There was valid criticism of this approach because it was a much more complex change than either of the other two I've discussed so far. However, my counter-argument would be that in reality it isn't a huge change in behavior, just in implementation. The same basic rise and fall behavior would be implemented in the monitor code, with the addition of a dynamic component that would prefer the node already holding the VIP. Subjectively, I also liked that the healthcheck results were separated from the other keepalived logging. As someone who reads a lot of keepalived logs, it was nice to not have to parse out the healthcheck-related log messages from all of the other noise that shows up in the keepalived logs.

Again, this was not a perfect solution either. It is still possible for the VIP to fail over inadvisedly if one node happens to get lucky with its healthchecks. However, in my testing this drastically reduced failovers to the point where I no longer think they would have negatively impacted cluster recovery.

You can find some PoC code for this change in the machine-config-operator and baremetal-runtimecfg (where the sidecar monitor code lives) repos. Note that these changes are incomplete and just intended to show the direction I wanted to go.

Testing and Validation

Speaking of testing, I did a bunch of it. It's tough to accurately simulate flakiness like this, but I did my best. In essence, I added a service to each node that would randomly inject a firewall rule to block outgoing API traffic to simulate API outages. This isn't fully representative of the real world situation, but from the perspective of keepalived it should be close enough.

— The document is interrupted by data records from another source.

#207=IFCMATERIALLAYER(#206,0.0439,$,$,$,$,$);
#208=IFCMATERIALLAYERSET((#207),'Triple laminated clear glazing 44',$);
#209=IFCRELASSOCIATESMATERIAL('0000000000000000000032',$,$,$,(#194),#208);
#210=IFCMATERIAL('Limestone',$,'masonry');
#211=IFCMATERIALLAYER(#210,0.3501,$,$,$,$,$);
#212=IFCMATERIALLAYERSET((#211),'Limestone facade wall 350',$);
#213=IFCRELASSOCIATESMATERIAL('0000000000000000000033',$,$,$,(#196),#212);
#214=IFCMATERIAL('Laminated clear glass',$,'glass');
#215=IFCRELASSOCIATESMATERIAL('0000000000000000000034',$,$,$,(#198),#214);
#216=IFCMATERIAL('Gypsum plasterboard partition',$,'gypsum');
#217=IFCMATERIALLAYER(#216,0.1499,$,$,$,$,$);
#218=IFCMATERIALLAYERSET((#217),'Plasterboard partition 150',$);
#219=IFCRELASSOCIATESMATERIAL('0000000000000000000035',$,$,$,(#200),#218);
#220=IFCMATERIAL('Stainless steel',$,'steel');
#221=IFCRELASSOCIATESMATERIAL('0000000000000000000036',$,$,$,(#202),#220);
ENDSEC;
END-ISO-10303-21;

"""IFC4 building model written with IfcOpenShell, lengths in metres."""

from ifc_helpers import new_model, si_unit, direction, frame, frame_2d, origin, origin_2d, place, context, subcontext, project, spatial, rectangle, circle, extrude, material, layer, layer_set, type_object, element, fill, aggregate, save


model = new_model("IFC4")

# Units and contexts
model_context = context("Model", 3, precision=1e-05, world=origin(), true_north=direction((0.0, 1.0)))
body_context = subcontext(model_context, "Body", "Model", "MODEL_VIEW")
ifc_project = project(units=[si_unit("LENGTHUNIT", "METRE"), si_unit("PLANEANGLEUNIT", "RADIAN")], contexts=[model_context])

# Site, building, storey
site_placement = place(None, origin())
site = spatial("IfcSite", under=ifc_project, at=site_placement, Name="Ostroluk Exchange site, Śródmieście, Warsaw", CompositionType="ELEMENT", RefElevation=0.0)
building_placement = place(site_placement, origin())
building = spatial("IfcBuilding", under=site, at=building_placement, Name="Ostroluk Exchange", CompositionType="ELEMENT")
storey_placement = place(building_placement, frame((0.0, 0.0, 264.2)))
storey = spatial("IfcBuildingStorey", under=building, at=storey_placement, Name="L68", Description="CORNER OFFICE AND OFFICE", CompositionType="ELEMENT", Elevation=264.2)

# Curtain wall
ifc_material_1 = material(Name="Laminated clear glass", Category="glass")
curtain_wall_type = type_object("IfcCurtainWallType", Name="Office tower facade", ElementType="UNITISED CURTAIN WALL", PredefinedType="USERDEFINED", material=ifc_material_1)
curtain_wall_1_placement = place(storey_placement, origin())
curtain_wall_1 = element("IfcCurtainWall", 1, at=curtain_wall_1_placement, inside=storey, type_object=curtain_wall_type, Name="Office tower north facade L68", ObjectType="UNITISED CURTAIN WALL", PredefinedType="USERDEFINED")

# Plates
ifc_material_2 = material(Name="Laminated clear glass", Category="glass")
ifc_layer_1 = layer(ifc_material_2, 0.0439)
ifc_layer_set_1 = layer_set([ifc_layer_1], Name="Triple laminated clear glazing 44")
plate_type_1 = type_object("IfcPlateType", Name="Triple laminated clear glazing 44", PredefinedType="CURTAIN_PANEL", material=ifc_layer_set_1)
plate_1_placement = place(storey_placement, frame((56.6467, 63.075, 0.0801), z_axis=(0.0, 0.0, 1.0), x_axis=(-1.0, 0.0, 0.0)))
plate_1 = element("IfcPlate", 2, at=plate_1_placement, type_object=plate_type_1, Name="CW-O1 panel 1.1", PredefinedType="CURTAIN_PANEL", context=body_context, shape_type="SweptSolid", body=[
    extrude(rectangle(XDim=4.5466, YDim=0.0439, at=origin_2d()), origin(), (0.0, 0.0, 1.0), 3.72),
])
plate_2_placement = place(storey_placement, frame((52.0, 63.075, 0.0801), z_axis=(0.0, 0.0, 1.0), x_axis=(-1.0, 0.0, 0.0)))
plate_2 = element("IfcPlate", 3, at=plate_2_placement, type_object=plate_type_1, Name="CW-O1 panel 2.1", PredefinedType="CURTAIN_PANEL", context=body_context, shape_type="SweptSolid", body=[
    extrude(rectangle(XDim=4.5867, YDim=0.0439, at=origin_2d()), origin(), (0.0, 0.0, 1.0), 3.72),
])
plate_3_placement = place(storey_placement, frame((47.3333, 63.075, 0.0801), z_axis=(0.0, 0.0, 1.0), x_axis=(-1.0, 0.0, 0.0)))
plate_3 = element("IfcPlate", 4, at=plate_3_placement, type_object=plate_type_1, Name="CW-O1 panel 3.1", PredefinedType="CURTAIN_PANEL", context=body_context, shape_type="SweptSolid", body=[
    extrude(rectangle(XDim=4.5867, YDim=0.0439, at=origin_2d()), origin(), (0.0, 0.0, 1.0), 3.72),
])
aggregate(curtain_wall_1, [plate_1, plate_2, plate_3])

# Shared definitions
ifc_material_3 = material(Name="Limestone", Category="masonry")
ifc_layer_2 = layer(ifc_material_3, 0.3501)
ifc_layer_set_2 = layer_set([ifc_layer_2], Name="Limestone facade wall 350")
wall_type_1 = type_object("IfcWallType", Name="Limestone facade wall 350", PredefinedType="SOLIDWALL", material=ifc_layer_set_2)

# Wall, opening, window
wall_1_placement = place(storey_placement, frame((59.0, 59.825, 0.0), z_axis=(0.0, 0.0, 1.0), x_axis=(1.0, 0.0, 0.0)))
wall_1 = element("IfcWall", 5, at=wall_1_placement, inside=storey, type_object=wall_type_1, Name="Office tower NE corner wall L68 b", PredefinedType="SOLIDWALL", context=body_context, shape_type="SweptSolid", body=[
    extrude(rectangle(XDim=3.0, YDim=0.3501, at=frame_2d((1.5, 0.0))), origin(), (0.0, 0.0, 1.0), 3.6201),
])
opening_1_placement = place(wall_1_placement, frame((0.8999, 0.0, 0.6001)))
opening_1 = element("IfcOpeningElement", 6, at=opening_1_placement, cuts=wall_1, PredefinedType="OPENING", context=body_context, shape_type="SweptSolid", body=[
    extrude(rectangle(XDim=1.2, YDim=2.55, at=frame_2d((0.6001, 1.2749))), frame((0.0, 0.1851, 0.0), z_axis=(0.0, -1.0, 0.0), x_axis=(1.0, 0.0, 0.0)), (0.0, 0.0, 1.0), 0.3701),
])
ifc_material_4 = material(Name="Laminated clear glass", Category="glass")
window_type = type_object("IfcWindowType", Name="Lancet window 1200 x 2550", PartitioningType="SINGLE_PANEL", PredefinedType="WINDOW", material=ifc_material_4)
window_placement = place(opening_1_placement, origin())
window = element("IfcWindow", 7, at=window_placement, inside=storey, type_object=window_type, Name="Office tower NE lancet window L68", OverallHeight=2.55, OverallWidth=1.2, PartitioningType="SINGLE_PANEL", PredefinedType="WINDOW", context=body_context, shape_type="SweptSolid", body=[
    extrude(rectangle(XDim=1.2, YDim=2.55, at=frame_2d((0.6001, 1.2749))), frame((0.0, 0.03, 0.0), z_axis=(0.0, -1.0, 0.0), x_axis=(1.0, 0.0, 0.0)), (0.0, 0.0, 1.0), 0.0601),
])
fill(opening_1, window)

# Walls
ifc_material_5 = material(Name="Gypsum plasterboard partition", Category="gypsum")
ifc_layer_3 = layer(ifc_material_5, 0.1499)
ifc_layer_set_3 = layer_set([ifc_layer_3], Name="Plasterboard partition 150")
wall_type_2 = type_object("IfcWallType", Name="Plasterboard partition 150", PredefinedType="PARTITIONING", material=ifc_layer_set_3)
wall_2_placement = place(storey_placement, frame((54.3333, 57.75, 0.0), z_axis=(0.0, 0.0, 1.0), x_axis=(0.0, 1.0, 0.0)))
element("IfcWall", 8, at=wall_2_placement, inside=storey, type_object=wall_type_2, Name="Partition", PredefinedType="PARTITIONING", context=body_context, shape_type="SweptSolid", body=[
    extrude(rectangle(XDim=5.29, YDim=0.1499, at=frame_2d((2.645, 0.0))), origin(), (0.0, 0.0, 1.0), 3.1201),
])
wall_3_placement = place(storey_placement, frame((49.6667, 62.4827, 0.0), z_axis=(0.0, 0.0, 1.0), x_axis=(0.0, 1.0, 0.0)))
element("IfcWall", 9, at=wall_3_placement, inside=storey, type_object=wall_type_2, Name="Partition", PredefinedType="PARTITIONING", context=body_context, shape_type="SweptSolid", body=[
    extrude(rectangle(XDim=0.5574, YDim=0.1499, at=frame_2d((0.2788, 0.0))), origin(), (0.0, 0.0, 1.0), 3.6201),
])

What I found was that even the first, simpler solution massively improved the failover behavior. The VIP would still move, but instead of happening multiple times in a minute, it would often be hours between failovers (depending on what error rate I was simulating). If cluster stability can't be restored in the two hours between failovers I no longer feel like that's our fault, but I guess that's open to interpretation.

Conclusion

In retrospect I probably should have written this back when we were having the design discussions in the first place. I think there were a lot of misunderstandings and talking past each other, and having a complete explanation of my proposal would likely have helped a lot. To that end, I see this post as serving three purposes:

  1. Documenting my design proposal for anyone else who might be facing a similar problem
  2. Documenting my design proposal for myself in case we need to revisit this
  3. A reminder to myself to do better with this sort of discussion in the future

I hope if you read this far you found it helpful or interesting, and if you have any thoughts about how this scenario could best be handled I'd love to hear from you. Our loadbalancer design is an ever-evolving piece of technology and any improvements are welcome.